Marginalia are an insight into the mind of another reader. This struck me as a I read Data Science for Business by Foster Provost and Tom Fawcett. The copy of the book had previously been read by two of my colleagues. One of whom had clearly read the introductory and concluding chapters but not the bit in between. Also they would probably not be described as a capitalist, “red in tooth and claw”! My marginalia have generally been hidden since I have an almost religious aversion to defacing a book in any way. I do use Evernote to take notes as I go though, so for this review I’ll reveal them here.
Data Science for Business is the book I wasn’t going to read since I’ve already read Machine Learning in Action, Data Mining: Practical Machine Learning Tools and Techniques, and Mining the Social Web. However, I gave in to peer pressure. The pitch for the book is that it is for people who will manage data scientists rather than necessarily be data scientists themselves. The implication here is that you’re paying these data scientists to increase your profits, so you better make sure that’s what they’ll do. You need to be able to understand what data science can and cannot do, ask reasonable questions of data scientists of their models and understand the environment the data scientist needs to thrive.
The book covers several key algorithms: decision trees, support vector machines, logistic regression, k-Nearest Neighbours and term frequency-inverse document frequency (TF-IDF) but not in any great depth of implementation. To my mind it is surprisingly mathematical in places, given the intended audience of managers rather than scientists.
The strengths of the book are in the explanations of the algorithms in visual terms, and in its focus on the expected value framework for evaluating data mining models. Diversity of explanation is always a good thing; read enough different explanations and one will speak directly to you. It also spends more of its time discussing practical applications than other books on data mining. An example on “churn” runs through the book. “Churn” is the loss of customers at the end of a contract, in this case the telecom industry is used as an illustration.

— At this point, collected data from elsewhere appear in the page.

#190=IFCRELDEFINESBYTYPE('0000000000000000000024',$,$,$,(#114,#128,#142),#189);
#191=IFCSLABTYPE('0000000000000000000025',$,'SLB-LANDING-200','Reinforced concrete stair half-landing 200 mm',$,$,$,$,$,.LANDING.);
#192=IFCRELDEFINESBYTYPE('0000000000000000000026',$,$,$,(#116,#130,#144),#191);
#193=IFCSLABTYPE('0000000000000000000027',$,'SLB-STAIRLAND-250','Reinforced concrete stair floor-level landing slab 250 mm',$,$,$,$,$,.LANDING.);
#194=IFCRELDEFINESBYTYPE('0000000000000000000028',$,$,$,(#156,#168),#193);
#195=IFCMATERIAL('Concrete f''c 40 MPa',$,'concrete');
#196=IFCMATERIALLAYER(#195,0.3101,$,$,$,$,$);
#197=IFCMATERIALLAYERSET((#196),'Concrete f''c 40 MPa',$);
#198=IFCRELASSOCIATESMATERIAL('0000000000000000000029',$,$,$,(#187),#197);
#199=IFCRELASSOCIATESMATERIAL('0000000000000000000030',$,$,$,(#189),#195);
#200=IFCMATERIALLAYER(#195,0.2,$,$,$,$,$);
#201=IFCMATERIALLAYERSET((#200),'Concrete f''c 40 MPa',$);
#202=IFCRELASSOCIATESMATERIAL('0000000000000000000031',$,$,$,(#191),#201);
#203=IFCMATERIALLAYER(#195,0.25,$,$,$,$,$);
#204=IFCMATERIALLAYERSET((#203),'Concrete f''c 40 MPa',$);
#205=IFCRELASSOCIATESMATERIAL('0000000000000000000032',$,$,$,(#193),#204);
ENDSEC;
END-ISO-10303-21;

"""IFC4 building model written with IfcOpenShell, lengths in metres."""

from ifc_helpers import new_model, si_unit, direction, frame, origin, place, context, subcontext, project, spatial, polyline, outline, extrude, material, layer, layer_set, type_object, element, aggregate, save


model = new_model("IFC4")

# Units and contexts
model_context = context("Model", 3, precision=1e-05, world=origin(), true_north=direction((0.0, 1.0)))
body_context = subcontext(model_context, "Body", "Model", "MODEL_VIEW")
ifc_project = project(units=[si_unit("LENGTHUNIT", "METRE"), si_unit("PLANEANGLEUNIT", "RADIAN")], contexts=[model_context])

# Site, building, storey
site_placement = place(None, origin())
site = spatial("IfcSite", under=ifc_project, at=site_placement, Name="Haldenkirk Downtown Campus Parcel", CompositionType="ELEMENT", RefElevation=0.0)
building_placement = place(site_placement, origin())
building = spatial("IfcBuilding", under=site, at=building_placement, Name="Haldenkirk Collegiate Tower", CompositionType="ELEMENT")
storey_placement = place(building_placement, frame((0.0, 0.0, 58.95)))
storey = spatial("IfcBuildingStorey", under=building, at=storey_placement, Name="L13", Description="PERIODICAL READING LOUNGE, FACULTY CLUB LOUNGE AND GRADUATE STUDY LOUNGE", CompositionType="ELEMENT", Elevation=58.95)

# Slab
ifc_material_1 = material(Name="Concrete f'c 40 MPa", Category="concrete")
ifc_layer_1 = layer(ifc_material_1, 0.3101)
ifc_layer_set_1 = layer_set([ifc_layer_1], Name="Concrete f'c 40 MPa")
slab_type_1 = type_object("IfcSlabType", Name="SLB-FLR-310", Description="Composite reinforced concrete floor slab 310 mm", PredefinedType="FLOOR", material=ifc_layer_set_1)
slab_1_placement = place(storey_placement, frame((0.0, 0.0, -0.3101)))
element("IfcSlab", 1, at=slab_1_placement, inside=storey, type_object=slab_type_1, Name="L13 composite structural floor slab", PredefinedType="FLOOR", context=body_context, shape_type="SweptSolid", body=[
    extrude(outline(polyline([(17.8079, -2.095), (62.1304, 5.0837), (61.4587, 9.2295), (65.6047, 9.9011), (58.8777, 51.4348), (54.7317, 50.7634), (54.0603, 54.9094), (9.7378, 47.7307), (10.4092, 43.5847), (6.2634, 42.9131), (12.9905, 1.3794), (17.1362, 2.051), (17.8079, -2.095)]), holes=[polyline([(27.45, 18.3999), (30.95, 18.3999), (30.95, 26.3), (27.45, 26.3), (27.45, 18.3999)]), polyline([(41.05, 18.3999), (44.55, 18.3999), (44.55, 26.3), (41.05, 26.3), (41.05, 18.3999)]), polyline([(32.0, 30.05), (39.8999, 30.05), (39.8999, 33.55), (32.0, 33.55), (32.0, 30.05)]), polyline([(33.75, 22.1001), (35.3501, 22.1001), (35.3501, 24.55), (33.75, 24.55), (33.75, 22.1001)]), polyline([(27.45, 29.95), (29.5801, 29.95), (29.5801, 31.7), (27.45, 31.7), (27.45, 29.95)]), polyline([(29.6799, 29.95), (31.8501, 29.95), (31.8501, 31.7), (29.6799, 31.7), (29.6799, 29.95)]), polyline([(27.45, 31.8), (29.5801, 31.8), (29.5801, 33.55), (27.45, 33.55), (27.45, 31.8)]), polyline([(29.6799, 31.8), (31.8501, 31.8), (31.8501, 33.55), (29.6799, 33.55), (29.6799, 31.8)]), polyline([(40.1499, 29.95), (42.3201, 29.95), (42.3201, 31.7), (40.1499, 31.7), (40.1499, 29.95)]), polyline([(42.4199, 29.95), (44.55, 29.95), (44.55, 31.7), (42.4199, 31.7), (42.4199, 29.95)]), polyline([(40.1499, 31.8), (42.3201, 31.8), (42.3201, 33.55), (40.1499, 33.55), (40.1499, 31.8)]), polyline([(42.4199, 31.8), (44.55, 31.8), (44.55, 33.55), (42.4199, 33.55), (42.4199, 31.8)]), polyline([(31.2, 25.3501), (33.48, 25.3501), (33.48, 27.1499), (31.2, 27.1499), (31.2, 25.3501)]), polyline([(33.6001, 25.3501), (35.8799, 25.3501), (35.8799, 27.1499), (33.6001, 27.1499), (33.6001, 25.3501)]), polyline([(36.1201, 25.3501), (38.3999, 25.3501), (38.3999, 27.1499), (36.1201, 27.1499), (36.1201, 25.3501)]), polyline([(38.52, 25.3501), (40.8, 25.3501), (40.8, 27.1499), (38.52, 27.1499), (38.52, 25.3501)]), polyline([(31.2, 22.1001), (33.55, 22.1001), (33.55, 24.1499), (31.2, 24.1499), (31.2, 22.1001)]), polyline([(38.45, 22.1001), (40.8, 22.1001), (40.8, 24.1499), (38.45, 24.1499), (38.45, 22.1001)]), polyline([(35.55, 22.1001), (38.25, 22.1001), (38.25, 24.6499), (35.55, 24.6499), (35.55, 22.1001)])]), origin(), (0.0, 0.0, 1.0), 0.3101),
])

A couple of nuggets I picked up:
- You can think of different machine learning algorithms in terms of the decision boundary they produce and how that looks. Overfitting becomes a decision boundary which is disturbingly intricate. Support vector machines put the decision boundary as far away from the classes they separate as possible;
- You need to make sure that the attributes that you use to build your model will be available at the point of use. That’s to say there is no point in building a model for churn which needs an attribute from a customer which is only available just after they’ve left you. Sounds a bit obvious but I can easily see myself making this mistake;
- The expected value framework for evaluating models. This combines the probability of an event, i.e. the result of a promotion campaign with the value of the outcome. Again churn makes a useful demonstration. If you have the choice between a promotion which is successful with 10 users with an average spend of £10 per year or 1 user with an average spend of £200 then you should obviously go with the latter rather than the former. This reminds me of expectation values in quantum mechanics and in statistical physics.
The title of the book, and the related reading demonstrate that data science, machine learning and data mining are used synonymously. I had a quick look at the popularity of these terms over the last few years. You can see the results in the Google Ngram viewer here. Somewhat to my surprise data science still lags far behind other terms despite the recent buzz, this is perhaps because Google only expose data to 2008.
Which book should you read?
All of them!
If you must buy only one then make it Data Mining, it is encyclopaedic and covers high level business overview, toy implementation and detailed implementation in some depth. If you want to see the code, then get Machine Learning in Action – but be aware that ultimately you are most likely going to be using someone else’s implementation of the core machine learning algorithms. Mining the Social Web is excellent if you want to see the code and are particularly interested in social media. And read Data Science for Business if you are the intended managerial audience or one who will be doing data mining in a commercial environment.